Je viens de rentrer dans la chambre et il y'a quelque chose de posé sur le lit. Je m'en rapproche et il s'agit d'un tout petit bébé. Un tout petit bébé emmitouflé dans une couverture un sac à langer juste à côté de lui

- Tu ne vas plus me tourner hein promis ?

- Ornella stp je te rappelle

Je raccroche sans lui laisser le temps de terminer sa phrase et vers cogner chez Maman Rose

- Maman Rose ! Maman Rose

Elle prend tout son temps pour ouvrir la porte

- Oui ?

- Qui est passé chez moi en mon absence ?

- (Surprise) : Personne ! Je suis juste allée me laver un moment

- Il y'a un bébé sur le lit

- Comment ça ?!

Sans me laisser le temps de poursuivre elle coure dans la chambre et je la suis

- Ekie ! C'est la sorcellerie ?! C'est l'enfant de qui ?!

- Je sais ??? Nessa je t'ai laissé ici là que j'arrive à la boutique ?

Elle se penche sur le lit et touche le bébé qui bouge un peu quoiqu'endormi

- En plus il est vivant !

- Mais qui l'a posé là alors ?!

- (Fouillant le sac à langer) : C'est vrai que quand je me lavais j'ai entendu un bruit de voiture dans la rue.
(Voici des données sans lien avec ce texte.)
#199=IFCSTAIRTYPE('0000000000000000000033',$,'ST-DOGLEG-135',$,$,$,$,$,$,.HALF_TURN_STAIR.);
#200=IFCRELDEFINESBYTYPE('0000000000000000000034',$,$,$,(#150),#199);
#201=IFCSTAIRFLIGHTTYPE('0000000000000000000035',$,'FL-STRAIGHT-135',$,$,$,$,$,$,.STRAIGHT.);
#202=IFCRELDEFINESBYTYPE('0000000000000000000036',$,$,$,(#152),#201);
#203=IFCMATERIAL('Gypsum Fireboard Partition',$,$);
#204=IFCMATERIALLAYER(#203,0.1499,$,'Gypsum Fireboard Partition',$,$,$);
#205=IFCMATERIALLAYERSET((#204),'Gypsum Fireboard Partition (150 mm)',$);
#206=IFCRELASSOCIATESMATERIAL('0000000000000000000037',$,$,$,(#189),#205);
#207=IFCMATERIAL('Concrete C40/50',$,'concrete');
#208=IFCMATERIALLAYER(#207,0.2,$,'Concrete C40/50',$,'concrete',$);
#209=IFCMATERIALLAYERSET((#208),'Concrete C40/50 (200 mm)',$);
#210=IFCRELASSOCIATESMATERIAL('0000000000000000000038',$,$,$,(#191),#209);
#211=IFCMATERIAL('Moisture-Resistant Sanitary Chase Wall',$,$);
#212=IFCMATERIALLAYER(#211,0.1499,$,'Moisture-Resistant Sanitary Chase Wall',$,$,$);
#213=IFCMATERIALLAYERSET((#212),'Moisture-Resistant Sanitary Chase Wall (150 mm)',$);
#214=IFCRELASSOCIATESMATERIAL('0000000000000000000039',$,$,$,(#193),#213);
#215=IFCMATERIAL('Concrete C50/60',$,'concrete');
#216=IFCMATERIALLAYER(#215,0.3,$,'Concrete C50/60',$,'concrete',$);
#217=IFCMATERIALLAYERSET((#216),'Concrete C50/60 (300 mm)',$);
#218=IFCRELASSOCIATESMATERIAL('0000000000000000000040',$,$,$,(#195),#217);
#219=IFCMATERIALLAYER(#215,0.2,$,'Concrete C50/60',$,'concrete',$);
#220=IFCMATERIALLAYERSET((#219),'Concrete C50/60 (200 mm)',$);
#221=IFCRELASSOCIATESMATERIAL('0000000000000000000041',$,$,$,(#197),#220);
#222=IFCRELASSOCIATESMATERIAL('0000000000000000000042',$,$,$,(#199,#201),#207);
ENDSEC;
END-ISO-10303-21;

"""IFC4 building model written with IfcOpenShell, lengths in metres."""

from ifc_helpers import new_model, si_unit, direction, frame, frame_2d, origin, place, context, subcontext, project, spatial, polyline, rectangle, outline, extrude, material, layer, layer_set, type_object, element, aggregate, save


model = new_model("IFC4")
Mais ce n'est pas la première fois que des voitures garent dans l'allée ! Elles peuvent passer pour n'importe qui ! (Sortant un papier du sac à langer qu'elle me tend) Pardon lis nous ce qui est écrit. Tu sais que je n'ai pas mes lunettes

Je prends le papier tout fébrile

Kendrick. Je te présente ton fils. Je l'ai sevré il y'a une semaine. Il est né le 02 août. Il a à peine 3 mois. J'ai essayé... je les ai suppliés de me le laisser mais ils ont refusé. Ils ont décidé que je te le rende.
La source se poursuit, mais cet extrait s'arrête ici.